What's left unanswered is some of the staggering statistics coming out of some of HCA's hospitals. Why are half of all cardiac cathetizations at one of its Florida hospitals, a $3,000 procedure, done on patients without significant heart disease? And what explains the 43 percent of clogged artery angioplasties that were deemed "outside reasonable and expected medical practice" at another HCA hospital? Brushing those aside and saying overall, most of its hospitals run really well is a copout for HCA.

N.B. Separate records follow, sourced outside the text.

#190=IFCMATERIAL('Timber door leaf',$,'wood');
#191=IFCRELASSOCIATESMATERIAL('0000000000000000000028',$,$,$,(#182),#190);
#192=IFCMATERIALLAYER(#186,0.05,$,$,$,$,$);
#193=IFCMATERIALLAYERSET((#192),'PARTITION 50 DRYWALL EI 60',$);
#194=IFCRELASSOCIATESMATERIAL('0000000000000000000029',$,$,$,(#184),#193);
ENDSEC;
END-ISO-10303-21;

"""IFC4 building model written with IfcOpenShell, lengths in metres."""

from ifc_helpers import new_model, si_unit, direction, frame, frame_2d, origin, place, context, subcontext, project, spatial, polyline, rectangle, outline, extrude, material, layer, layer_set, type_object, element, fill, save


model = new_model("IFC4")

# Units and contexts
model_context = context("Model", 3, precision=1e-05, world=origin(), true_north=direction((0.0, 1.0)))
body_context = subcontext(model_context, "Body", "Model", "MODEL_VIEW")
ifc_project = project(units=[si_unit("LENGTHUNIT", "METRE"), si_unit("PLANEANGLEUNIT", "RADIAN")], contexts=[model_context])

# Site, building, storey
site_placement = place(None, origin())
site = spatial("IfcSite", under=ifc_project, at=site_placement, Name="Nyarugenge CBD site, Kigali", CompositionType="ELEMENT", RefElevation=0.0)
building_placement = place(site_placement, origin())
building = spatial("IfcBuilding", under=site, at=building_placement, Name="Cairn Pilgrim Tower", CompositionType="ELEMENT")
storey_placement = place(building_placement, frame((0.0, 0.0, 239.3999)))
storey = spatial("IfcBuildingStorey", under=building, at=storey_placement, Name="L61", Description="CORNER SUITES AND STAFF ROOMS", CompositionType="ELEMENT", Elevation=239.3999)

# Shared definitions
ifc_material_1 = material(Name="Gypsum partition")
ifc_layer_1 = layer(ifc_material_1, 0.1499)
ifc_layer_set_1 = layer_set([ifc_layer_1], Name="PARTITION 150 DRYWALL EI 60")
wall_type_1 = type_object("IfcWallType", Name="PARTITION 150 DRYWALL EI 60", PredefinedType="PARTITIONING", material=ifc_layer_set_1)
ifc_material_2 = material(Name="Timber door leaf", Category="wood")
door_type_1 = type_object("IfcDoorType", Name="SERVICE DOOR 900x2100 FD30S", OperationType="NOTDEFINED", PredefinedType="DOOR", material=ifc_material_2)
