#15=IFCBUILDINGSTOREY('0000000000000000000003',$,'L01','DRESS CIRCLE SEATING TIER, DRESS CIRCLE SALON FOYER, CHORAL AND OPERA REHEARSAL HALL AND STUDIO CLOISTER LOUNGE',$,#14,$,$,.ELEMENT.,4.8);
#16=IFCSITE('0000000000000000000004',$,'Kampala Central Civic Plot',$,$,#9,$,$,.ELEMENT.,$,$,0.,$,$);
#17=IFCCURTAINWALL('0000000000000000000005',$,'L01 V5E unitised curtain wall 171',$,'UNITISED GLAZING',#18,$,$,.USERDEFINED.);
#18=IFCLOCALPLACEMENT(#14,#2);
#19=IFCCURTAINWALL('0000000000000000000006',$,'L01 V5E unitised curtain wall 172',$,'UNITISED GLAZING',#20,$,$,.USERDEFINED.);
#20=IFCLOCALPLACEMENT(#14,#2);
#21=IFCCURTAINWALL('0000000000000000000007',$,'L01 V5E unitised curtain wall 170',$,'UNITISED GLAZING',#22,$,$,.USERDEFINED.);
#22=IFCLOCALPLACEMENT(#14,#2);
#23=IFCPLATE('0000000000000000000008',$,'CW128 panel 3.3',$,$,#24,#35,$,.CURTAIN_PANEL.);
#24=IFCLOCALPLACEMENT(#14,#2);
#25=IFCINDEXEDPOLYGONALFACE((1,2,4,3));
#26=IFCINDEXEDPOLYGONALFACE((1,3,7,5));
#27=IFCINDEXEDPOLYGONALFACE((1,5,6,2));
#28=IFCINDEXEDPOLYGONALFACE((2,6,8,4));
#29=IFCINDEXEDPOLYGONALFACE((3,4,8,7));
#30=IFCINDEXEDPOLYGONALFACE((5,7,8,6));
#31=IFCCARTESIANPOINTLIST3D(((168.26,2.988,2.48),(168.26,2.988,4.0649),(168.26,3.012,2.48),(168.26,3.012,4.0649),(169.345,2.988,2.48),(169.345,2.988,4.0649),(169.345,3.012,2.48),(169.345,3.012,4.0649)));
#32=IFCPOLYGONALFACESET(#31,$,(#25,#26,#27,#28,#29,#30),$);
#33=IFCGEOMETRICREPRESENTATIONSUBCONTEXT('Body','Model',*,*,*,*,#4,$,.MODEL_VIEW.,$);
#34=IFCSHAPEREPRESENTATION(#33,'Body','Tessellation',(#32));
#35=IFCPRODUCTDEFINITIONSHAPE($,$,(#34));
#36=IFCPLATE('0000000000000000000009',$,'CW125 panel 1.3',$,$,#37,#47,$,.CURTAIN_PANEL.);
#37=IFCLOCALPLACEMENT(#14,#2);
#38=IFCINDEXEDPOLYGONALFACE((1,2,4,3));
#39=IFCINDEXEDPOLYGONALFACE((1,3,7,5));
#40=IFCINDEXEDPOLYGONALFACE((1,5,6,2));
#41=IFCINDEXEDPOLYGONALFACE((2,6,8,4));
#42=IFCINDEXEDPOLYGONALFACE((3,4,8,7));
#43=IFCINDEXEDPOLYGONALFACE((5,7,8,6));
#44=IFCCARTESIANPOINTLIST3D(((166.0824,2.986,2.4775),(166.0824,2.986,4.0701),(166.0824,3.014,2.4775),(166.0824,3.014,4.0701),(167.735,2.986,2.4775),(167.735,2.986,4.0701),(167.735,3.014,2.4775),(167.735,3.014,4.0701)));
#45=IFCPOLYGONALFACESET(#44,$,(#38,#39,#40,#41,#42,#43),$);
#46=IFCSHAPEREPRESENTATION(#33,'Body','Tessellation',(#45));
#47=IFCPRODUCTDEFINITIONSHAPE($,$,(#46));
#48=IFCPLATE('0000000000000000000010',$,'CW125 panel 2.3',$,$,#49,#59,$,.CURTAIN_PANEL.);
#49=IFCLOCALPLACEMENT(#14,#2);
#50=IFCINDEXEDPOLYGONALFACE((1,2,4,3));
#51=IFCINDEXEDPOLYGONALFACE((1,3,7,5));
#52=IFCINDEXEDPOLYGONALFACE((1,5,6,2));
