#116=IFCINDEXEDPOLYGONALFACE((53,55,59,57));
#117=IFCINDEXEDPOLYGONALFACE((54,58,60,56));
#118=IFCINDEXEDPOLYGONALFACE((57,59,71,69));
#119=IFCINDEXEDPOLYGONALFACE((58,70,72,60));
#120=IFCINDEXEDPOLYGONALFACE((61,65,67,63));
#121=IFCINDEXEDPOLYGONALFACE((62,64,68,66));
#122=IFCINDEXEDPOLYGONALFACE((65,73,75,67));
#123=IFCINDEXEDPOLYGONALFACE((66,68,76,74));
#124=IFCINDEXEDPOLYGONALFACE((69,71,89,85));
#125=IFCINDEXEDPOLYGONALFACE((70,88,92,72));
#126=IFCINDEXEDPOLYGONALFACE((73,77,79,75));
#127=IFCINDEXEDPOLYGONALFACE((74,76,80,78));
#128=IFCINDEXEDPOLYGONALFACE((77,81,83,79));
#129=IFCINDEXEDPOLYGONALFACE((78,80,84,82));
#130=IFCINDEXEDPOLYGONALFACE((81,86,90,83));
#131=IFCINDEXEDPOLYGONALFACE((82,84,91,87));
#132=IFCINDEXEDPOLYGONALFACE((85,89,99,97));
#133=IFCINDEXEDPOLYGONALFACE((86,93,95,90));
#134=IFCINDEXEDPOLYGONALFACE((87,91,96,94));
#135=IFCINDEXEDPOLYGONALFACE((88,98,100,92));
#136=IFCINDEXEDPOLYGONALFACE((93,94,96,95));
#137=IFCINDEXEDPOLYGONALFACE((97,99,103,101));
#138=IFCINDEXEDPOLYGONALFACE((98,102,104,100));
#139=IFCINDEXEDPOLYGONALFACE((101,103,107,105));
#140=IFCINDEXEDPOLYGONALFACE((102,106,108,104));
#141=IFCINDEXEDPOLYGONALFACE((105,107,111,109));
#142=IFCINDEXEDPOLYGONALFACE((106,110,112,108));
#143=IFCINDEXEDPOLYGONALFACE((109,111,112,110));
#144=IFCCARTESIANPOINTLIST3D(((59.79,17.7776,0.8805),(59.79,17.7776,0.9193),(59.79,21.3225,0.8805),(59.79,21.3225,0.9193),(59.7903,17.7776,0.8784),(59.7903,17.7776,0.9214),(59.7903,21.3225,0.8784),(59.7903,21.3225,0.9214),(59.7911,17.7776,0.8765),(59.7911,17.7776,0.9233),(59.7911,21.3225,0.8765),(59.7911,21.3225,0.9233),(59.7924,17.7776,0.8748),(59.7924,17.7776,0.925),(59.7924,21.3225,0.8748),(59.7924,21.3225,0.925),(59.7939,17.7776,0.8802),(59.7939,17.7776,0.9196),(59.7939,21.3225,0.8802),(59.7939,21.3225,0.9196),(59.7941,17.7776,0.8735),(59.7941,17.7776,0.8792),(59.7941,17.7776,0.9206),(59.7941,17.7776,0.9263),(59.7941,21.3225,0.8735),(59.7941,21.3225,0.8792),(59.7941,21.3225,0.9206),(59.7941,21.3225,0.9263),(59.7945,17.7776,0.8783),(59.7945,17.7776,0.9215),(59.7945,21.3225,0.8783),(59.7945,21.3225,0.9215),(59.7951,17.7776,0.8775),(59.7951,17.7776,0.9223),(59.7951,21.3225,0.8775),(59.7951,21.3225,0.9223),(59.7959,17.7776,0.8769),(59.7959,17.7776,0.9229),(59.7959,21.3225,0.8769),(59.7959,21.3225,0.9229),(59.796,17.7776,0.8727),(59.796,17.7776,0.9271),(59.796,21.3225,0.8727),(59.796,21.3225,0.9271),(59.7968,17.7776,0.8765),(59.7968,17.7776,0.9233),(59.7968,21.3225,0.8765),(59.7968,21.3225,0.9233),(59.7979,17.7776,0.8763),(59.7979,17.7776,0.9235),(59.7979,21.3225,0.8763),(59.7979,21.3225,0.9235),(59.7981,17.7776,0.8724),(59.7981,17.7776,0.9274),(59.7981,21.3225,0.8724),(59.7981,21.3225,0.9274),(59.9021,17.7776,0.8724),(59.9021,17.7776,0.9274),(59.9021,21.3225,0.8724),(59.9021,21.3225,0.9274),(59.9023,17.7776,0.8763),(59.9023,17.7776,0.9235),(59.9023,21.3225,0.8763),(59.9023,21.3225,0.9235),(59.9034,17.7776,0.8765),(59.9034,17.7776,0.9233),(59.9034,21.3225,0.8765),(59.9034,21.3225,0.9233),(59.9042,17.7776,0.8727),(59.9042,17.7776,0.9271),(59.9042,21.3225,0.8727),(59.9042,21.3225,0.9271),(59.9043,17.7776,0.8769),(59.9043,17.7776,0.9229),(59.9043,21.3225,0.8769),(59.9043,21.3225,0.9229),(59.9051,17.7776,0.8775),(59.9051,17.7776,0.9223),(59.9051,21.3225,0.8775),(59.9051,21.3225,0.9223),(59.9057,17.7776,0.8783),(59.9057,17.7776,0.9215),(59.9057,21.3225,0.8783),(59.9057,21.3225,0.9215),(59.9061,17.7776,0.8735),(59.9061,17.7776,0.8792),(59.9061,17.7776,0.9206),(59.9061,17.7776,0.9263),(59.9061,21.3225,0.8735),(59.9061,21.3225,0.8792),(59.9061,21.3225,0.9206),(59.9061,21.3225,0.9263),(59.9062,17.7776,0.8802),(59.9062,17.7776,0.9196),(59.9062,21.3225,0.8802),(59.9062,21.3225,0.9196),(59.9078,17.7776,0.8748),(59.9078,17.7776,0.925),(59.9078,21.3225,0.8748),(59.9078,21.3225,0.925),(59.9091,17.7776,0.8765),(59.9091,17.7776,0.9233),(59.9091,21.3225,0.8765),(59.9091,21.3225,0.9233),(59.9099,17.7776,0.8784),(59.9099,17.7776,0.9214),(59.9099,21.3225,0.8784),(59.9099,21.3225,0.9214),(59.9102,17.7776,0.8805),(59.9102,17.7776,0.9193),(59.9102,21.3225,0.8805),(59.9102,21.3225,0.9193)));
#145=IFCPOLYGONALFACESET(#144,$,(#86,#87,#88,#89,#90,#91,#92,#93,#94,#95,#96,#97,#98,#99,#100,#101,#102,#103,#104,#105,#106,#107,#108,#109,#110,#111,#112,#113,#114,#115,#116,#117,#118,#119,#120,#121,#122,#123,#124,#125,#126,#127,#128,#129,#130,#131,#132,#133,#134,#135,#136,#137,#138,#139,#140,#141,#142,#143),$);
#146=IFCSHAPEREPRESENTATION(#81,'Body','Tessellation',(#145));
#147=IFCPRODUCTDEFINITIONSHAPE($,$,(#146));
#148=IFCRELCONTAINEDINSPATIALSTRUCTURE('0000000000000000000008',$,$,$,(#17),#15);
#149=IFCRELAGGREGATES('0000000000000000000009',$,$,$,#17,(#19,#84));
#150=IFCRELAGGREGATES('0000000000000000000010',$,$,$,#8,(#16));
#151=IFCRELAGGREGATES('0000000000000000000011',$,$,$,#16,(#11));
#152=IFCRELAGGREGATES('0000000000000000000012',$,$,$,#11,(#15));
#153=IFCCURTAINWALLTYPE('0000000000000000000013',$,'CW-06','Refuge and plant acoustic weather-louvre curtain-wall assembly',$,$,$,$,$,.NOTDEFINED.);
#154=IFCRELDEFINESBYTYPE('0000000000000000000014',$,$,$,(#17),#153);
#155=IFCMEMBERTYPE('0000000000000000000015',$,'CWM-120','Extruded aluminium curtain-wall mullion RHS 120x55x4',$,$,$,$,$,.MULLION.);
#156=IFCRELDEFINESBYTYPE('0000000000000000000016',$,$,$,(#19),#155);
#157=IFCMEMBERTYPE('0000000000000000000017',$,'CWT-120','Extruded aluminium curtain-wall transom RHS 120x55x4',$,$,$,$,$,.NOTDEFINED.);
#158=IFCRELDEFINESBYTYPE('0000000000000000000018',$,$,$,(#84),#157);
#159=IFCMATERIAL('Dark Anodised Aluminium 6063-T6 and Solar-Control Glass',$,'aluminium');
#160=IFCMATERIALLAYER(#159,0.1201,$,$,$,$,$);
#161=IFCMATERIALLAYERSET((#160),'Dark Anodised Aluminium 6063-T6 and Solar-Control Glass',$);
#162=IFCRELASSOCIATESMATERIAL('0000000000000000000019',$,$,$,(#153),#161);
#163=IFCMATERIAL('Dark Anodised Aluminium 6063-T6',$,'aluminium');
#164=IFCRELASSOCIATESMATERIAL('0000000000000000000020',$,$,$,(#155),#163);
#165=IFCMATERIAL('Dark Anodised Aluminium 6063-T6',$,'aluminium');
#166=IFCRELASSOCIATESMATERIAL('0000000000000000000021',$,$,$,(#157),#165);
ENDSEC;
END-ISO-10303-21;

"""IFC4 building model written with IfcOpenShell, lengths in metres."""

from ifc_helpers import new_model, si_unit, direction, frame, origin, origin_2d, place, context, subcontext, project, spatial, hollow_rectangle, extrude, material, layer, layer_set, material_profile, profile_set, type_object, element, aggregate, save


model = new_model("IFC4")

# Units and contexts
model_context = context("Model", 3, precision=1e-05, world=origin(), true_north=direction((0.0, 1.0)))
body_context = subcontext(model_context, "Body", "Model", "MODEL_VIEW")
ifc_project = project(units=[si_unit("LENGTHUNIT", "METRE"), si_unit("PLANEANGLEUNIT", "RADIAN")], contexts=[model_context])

It's possible the company is still preparing more statements as more reporting comes out. In a conference call yesterday, HCA CEO Richard Bracken said "the Times may be preparing more than one story about the company and that the newspaper had also asked about wound-care practices, treatment of uninsured patients and emergency-room procedures," Bloomberg's Alex Nussbaum reports. While that may be the case the company's posture appears to be to remain tightlipped at the moment. Following yesterday's release, it said "The Company undertakes no duty to update or further comment on this matter." Yesterday, market analysts also wondered whether Mitt Romney could be dragged into this given that Bain Capital is HCA's largest shareholder. That's yet to be seen because Romney left the company as CEO and chairman years ago. But clearly, HCA still has some work to do to explain to potential customers how it justifies the level of cardiac procedures at some of its hospitals.